Throughput increases with concurrency, but TTFT becomes large above ~32–64 (batch-friendly, less interactive).

MLX concurrency benchmark — Qwen3-4B-Instruct-2507-MLX-4bit (max_out=512)

Raw artifacts: - docs/assets/mlx_concurrency/mlx_concurrency_summary_20260128_215056.csv - docs/assets/mlx_concurrency/mlx_concurrency_plot_20260128_215056.png

conc | throughput(tok/s) | avg_ttft(s) | avg_decode(tok/s) | avg_query(tok/s)
-----+------------------+------------+-------------------+-----------------
   1 |            90.98 |       0.21 |             98.83 |           95.48
   2 |           123.96 |       0.40 |             65.08 |           62.02
   4 |           155.09 |       0.68 |             40.87 |           38.85
   8 |           175.47 |       1.31 |             23.20 |           21.94
  16 |           251.45 |       2.50 |             16.99 |           15.72
  32 |           415.64 |       4.98 |             14.84 |           13.00
  64 |           470.19 |      10.36 |              8.61 |            7.35
 128 |           494.33 |      22.71 |              4.65 |            3.86

`lmstudio-community/Qwen3-Next-80B-A3B-Instruct-MLX-4bit`

Large model: throughput improves with concurrency, but TTFT becomes very high at large concurrency (good for throughput-only batch jobs; poor for interactive latency).

MLX concurrency benchmark — Qwen3-Next-80B-A3B-Instruct-MLX-4bit (max_out=512)

Raw artifacts: - docs/assets/mlx_concurrency/mlx_concurrency_summary_20260128_202929.csv - docs/assets/mlx_concurrency/mlx_concurrency_plot_20260128_202930.png

conc | throughput(tok/s) | avg_ttft(s) | avg_decode(tok/s) | avg_query(tok/s)
-----+------------------+------------+-------------------+-----------------
   1 |            56.70 |       0.23 |             58.85 |           57.49
   2 |            73.39 |       0.64 |             38.38 |           36.71
   4 |            98.34 |       1.47 |             26.41 |           24.59
   8 |           121.74 |       2.70 |             16.52 |           15.22
  16 |           155.01 |       5.11 |             10.70 |            9.69
  32 |           199.70 |      10.11 |              7.10 |            6.24
  64 |           229.42 |      20.28 |              4.17 |            3.58
 128 |           251.78 |      43.03 |              2.35 |            1.97

Prompt caching (separate concern)

The benchmark script does not use prompt caching; it intentionally treats each query as an independent request.

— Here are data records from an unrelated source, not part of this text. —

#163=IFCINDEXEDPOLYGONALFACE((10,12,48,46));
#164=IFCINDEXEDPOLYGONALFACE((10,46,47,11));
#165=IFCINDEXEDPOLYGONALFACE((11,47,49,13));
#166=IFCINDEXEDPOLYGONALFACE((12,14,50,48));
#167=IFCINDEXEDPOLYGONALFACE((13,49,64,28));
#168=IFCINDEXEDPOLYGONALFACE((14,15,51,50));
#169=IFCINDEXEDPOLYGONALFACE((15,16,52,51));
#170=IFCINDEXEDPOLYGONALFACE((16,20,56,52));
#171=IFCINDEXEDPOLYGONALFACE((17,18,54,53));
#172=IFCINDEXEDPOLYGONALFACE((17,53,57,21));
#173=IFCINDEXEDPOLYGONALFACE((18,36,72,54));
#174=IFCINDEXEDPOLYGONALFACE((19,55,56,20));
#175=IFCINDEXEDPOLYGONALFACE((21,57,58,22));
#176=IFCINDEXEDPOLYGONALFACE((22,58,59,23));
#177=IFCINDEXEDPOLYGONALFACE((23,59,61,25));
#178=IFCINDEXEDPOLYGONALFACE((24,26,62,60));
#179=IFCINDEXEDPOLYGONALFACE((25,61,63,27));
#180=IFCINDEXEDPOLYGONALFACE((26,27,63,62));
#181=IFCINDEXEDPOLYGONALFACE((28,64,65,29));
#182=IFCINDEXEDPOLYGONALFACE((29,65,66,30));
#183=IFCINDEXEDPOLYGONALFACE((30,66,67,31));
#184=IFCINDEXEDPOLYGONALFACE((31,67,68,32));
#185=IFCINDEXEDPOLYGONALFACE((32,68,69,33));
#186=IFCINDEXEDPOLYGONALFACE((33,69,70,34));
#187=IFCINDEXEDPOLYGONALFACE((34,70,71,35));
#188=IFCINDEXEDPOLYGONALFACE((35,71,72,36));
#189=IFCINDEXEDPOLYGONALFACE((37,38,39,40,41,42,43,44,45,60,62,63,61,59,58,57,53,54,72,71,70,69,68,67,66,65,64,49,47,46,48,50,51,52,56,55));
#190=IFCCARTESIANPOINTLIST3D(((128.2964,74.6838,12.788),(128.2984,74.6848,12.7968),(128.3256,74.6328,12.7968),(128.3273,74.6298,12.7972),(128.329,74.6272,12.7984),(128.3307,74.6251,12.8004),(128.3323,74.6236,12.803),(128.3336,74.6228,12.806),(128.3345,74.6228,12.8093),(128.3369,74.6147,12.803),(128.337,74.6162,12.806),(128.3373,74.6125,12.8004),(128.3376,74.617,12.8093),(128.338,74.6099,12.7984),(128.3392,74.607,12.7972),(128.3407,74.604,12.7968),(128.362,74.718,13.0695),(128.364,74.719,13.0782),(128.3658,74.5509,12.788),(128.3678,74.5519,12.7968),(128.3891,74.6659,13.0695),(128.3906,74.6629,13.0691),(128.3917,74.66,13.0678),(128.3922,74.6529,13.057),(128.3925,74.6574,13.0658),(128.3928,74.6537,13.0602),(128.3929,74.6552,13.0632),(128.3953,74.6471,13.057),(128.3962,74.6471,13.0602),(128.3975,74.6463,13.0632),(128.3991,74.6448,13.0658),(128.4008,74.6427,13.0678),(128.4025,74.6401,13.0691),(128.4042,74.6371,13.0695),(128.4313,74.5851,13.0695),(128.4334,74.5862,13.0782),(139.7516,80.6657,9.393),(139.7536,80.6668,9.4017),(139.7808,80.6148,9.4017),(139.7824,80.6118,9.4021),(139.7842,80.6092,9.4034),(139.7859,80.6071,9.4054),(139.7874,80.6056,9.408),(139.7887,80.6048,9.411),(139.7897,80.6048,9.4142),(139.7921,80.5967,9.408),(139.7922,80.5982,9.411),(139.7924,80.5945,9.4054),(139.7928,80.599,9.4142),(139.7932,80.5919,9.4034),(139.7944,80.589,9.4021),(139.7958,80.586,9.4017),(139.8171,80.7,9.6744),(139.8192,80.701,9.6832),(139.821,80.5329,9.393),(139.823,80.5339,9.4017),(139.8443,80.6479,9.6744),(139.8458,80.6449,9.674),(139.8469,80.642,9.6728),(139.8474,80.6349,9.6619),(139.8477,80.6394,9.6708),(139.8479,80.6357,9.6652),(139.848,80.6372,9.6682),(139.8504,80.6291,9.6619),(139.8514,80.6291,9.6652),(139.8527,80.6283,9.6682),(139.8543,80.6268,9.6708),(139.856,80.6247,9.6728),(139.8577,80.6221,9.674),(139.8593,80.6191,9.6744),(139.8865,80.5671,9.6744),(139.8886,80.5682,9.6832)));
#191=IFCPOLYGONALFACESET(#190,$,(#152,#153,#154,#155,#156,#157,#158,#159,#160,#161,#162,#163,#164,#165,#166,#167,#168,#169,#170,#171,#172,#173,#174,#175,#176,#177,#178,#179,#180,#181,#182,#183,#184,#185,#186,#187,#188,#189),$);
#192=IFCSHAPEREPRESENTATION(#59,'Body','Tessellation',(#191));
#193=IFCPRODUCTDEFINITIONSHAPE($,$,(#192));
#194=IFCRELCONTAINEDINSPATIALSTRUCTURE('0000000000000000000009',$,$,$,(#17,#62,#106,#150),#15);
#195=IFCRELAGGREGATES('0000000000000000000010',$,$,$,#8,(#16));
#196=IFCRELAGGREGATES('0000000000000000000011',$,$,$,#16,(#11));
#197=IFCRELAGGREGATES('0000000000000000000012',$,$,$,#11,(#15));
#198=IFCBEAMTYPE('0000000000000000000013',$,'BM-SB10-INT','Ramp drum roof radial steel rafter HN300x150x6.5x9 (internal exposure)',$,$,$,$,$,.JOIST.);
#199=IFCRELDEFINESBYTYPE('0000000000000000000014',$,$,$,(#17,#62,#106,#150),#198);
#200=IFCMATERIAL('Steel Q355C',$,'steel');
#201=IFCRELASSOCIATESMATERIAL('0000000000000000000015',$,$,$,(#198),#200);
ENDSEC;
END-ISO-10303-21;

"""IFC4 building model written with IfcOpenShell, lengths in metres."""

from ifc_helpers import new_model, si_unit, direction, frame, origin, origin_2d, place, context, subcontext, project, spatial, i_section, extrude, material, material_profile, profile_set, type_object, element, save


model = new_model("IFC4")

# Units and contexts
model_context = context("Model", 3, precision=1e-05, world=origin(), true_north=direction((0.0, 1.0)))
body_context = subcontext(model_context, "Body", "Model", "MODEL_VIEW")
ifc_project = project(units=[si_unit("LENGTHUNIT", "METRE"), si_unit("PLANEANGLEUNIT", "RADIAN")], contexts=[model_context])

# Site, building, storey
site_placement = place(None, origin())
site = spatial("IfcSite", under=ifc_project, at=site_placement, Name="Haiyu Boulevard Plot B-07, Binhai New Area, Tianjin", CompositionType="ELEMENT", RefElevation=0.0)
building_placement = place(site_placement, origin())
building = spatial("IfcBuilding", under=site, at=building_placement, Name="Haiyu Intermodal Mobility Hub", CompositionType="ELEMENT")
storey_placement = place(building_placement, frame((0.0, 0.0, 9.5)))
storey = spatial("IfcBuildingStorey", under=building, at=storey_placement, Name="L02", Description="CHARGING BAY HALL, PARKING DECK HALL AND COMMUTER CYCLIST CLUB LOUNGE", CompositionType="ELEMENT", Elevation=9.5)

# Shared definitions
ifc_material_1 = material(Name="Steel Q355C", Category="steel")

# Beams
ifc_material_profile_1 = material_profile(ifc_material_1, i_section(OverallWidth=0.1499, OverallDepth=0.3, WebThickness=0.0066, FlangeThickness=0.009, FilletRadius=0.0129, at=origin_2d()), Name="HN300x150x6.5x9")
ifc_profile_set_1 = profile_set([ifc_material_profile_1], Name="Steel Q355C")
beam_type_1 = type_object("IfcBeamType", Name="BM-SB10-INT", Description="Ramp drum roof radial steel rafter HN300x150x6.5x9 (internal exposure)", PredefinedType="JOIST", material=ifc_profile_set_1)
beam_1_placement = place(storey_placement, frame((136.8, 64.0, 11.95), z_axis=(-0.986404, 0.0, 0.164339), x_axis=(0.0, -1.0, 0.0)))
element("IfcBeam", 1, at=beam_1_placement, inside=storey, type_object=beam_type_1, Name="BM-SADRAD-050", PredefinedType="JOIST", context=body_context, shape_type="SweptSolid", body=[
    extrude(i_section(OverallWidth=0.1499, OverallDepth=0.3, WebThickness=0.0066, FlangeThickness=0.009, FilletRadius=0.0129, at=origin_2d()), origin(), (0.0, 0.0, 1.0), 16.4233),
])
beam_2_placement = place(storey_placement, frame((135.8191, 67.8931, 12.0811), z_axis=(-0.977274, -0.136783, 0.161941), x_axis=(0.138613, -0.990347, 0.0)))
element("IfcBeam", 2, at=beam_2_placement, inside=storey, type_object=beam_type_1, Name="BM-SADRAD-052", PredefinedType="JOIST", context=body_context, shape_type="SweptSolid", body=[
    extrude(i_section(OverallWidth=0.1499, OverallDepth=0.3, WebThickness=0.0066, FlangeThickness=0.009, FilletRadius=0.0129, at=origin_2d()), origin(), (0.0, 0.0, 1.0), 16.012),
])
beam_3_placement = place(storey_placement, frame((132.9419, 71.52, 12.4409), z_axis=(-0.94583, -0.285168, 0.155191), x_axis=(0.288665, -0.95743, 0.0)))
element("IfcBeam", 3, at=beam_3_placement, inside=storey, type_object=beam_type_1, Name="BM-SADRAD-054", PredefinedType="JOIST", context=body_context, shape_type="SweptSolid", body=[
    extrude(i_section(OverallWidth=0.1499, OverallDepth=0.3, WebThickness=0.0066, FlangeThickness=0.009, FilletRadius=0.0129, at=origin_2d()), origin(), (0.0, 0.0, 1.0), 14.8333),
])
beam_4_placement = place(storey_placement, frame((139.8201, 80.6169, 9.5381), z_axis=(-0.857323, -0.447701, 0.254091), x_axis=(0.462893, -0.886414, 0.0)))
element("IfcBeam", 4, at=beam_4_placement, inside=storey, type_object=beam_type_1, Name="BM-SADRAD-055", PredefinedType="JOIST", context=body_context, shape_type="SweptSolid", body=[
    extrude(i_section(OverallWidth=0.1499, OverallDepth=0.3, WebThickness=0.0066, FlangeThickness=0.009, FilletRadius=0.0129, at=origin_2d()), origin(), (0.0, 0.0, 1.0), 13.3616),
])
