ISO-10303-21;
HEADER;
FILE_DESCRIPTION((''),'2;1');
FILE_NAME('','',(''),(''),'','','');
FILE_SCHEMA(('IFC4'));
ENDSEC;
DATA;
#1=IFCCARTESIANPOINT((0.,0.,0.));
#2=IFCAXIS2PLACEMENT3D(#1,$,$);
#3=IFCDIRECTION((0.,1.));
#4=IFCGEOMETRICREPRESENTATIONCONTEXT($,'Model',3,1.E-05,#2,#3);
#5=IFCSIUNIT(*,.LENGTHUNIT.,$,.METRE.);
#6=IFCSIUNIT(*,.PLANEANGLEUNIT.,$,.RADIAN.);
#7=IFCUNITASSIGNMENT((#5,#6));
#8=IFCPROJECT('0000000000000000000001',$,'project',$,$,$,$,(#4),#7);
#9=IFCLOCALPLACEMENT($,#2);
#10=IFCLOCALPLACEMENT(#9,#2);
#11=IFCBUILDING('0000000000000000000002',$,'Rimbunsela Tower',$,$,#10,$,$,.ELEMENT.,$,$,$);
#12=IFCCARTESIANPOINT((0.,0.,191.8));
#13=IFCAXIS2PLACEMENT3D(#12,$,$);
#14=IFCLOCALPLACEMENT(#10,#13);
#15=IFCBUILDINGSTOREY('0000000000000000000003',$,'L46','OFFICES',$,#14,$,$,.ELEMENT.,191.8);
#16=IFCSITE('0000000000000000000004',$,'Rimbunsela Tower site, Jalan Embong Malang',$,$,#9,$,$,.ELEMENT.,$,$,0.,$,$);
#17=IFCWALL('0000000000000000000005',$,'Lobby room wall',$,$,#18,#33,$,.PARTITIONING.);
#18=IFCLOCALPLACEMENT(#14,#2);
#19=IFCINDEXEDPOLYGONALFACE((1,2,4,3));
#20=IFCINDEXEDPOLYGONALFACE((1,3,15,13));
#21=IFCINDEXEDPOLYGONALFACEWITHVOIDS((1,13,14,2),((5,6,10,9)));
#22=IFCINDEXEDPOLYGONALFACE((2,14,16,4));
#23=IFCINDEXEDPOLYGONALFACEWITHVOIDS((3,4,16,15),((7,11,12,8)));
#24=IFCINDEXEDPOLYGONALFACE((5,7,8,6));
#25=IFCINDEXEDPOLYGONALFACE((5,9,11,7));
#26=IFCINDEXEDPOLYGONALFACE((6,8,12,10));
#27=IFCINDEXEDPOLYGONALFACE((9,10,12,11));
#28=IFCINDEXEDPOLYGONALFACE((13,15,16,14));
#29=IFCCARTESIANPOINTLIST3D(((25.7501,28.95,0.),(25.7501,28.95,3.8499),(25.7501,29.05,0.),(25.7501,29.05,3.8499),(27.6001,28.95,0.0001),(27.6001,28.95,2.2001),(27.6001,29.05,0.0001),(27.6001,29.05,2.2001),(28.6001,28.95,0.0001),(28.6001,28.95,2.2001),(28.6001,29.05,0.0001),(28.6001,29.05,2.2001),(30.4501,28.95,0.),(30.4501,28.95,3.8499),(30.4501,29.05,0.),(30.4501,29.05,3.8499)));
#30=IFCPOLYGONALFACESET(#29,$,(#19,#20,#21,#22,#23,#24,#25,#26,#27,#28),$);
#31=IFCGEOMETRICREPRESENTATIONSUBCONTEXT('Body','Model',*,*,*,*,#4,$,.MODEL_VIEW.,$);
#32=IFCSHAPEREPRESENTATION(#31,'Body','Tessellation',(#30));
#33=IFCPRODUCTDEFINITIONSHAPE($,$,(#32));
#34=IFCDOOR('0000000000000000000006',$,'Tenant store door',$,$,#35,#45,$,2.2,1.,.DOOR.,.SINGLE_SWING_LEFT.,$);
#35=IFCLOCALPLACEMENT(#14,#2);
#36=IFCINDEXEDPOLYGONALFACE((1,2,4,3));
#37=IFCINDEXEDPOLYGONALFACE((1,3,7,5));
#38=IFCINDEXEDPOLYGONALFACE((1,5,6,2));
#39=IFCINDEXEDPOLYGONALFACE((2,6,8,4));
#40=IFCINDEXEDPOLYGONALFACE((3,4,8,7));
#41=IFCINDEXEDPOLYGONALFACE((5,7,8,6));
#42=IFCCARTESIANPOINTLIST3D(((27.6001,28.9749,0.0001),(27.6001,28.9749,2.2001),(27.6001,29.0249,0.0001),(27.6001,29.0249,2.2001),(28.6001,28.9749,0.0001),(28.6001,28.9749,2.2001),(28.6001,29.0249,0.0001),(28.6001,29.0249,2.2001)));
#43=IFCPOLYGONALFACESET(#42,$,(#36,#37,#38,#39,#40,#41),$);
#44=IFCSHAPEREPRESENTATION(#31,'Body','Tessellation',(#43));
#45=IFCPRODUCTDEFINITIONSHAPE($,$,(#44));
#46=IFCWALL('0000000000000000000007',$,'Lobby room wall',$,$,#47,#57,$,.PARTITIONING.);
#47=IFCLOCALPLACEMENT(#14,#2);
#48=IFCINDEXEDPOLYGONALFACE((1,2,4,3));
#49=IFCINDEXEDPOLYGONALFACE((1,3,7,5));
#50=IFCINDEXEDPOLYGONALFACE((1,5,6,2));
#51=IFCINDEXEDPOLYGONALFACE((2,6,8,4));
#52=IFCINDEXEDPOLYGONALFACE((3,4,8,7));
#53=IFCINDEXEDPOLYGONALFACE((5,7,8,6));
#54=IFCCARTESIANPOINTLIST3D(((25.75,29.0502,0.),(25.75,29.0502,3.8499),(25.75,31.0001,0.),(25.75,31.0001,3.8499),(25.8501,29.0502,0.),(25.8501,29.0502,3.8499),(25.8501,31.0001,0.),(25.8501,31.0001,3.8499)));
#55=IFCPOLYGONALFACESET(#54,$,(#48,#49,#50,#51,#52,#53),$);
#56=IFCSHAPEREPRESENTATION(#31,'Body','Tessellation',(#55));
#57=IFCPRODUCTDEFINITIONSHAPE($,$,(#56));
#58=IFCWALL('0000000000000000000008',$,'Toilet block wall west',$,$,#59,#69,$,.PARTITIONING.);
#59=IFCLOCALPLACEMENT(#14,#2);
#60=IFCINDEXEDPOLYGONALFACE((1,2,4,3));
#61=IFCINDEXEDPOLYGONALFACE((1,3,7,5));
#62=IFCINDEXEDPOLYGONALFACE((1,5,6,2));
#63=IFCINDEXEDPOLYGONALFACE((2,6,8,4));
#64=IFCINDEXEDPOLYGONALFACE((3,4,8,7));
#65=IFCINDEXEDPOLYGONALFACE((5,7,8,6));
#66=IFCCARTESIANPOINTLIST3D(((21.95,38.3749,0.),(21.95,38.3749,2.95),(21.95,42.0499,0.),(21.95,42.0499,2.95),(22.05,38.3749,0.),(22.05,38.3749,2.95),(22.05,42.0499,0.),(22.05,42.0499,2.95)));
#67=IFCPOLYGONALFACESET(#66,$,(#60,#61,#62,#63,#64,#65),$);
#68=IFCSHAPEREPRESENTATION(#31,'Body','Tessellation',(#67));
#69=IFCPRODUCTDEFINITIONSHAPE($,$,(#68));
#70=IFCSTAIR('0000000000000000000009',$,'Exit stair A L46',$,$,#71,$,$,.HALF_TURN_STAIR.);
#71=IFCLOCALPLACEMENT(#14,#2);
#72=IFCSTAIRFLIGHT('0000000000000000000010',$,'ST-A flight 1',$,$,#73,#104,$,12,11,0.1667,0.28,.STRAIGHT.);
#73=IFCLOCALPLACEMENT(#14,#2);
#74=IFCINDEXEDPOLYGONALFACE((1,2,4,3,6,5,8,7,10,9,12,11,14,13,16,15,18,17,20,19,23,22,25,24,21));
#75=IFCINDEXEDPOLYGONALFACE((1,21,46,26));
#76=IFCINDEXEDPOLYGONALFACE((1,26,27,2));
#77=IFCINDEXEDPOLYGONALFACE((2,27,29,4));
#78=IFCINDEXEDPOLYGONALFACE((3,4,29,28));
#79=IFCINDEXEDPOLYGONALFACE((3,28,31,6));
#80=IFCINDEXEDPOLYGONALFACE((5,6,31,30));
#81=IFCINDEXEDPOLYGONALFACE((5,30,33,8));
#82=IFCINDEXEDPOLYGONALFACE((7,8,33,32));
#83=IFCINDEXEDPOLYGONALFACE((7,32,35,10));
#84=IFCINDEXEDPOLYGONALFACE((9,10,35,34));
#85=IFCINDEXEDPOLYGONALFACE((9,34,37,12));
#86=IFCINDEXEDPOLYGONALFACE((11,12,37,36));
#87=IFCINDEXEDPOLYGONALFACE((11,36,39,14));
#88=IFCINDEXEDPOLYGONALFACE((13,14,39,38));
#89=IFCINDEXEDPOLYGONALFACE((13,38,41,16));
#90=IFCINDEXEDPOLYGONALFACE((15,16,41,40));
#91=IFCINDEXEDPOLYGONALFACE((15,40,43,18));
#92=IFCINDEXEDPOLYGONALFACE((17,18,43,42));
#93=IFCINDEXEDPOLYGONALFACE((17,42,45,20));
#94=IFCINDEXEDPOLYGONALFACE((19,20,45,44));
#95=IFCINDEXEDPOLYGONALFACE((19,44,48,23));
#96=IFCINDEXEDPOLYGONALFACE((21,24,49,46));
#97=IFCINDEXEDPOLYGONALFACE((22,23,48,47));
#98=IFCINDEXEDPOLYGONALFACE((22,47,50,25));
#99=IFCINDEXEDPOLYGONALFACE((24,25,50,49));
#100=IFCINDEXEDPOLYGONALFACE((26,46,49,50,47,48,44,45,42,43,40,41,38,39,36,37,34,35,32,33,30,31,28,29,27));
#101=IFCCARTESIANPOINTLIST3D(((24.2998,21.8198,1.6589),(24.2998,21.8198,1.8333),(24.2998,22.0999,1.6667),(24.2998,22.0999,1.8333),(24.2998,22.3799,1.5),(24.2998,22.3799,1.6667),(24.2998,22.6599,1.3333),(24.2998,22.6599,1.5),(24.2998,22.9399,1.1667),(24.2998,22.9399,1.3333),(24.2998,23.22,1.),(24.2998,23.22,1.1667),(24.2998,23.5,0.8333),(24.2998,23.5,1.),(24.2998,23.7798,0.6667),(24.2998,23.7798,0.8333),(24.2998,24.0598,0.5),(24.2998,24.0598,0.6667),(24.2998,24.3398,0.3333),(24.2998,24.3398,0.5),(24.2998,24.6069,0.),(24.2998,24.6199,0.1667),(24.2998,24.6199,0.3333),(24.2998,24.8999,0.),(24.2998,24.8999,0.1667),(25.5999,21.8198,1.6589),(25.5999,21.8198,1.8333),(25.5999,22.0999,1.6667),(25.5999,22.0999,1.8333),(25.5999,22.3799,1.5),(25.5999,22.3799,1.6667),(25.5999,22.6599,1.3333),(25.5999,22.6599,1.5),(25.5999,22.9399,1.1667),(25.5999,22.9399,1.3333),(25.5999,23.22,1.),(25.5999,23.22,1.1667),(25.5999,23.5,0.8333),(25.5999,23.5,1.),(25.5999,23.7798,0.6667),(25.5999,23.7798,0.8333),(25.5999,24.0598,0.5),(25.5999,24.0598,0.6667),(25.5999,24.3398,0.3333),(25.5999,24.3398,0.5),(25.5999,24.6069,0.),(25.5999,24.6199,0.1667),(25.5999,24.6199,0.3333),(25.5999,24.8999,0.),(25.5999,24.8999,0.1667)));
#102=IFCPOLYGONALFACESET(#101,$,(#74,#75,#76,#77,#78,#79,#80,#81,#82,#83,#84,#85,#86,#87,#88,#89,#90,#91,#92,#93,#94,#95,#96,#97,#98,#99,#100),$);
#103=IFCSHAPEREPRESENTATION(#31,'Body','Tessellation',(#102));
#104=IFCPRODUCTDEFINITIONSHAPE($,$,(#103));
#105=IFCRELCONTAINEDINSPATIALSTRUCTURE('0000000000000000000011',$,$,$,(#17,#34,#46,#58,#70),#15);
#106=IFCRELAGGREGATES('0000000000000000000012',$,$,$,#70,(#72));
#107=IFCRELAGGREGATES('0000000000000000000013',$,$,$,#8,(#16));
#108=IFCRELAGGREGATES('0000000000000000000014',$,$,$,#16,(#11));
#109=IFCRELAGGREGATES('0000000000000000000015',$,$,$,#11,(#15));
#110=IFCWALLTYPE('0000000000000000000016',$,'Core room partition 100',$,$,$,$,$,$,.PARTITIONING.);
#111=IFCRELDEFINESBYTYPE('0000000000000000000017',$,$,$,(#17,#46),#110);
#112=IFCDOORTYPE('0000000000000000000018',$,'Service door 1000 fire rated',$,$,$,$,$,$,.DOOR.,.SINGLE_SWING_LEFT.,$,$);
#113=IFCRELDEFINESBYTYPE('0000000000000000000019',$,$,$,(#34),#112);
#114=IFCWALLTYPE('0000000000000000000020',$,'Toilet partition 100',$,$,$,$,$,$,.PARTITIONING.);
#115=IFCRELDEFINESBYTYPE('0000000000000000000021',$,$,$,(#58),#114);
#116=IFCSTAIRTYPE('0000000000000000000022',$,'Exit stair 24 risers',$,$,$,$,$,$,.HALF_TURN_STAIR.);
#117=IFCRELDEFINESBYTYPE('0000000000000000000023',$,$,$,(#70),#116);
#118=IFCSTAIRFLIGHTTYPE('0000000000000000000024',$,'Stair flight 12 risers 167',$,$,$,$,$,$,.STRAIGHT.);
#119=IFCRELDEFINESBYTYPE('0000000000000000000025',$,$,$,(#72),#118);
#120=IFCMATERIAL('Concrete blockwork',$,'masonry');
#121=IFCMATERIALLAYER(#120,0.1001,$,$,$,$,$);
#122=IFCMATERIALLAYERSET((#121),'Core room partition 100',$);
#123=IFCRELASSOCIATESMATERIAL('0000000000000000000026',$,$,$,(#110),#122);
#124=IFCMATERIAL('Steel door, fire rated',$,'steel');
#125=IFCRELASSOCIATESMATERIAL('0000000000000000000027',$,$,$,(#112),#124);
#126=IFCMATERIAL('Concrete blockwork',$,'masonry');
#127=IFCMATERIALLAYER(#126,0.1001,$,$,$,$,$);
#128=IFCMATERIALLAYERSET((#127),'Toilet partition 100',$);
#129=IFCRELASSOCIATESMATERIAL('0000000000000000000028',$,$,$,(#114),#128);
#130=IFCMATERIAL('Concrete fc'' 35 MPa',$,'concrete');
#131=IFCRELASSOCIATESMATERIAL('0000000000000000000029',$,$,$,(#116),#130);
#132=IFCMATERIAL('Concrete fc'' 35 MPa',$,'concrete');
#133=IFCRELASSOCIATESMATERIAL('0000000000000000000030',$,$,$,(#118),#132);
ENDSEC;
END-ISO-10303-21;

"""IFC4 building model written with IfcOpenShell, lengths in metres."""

from ifc_helpers import new_model, si_unit, direction, frame, frame_2d, origin, place, context, subcontext, project, spatial, polyline, rectangle, outline, extrude, material, layer, layer_set, type_object, element, fill, aggregate, save


model = new_model("IFC4")

# Units and contexts
model_context = context("Model", 3, precision=1e-05, world=origin(), true_north=direction((0.0, 1.0)))
body_context = subcontext(model_context, "Body", "Model", "MODEL_VIEW")
ifc_project = project(units=[si_unit("LENGTHUNIT", "METRE"), si_unit("PLANEANGLEUNIT", "RADIAN")], contexts=[model_context])

# Site, building, storey
site_placement = place(None, origin())
site = spatial("IfcSite", under=ifc_project, at=site_placement, Name="Rimbunsela Tower site, Jalan Embong Malang", CompositionType="ELEMENT", RefElevation=0.0)
building_placement = place(site_placement, origin())
building = spatial("IfcBuilding", under=site, at=building_placement, Name="Rimbunsela Tower", CompositionType="ELEMENT")
storey_placement = place(building_placement, frame((0.0, 0.0, 191.8)))
storey = spatial("IfcBuildingStorey", under=building, at=storey_placement, Name="L46", Description="OFFICES", CompositionType="ELEMENT", Elevation=191.8)

# Wall, opening, door
ifc_material_1 = material(Name="Concrete blockwork", Category="masonry")
ifc_layer_1 = layer(ifc_material_1, 0.1001)
ifc_layer_set_1 = layer_set([ifc_layer_1], Name="Core room partition 100")
wall_type_1 = type_object("IfcWallType", Name="Core room partition 100", PredefinedType="PARTITIONING", material=ifc_layer_set_1)
ifc_material_2 = material(Name="Steel door, fire rated", Category="steel")
door_type_1 = type_object("IfcDoorType", Name="Service door 1000 fire rated", OperationType="SINGLE_SWING_LEFT", PredefinedType="DOOR", material=ifc_material_2)
wall_1_placement = place(storey_placement, frame((25.75, 29.0, 0.0), z_axis=(0.0, 0.0, 1.0), x_axis=(1.0, 0.0, 0.0)))
wall_1 = element("IfcWall", 1, at=wall_1_placement, inside=storey, type_object=wall_type_1, Name="Lobby room wall", PredefinedType="PARTITIONING", context=body_context, shape_type="SweptSolid", body=[
    extrude(rectangle(XDim=4.7, YDim=0.1001, at=frame_2d((2.3501, 0.0))), origin(), (0.0, 0.0, 1.0), 3.8499),
])
opening_1_placement = place(wall_1_placement, frame((1.8501, 0.0, 0.0)))
opening_1 = element("IfcOpeningElement", 2, at=opening_1_placement, cuts=wall_1, PredefinedType="OPENING", context=body_context, shape_type="SweptSolid", body=[
    extrude(rectangle(XDim=1.0, YDim=2.2, at=frame_2d((0.5, 1.1001))), frame((0.0, 0.0601, 0.0), z_axis=(0.0, -1.0, 0.0), x_axis=(1.0, 0.0, 0.0)), (0.0, 0.0, 1.0), 0.1201),
])
door_1_placement = place(opening_1_placement, origin())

MLXProvider does support best-effort in-process prompt caching via prompt_cache_key (KV/prefix caches). This is mainly useful when many calls share a long prefix (system prompt, tool schema, long chat history). It is not “free”: KV caches consume memory, and reusing the same cache key across unrelated requests can contaminate context.

For deeper research notes, see docs/research/concurrency/.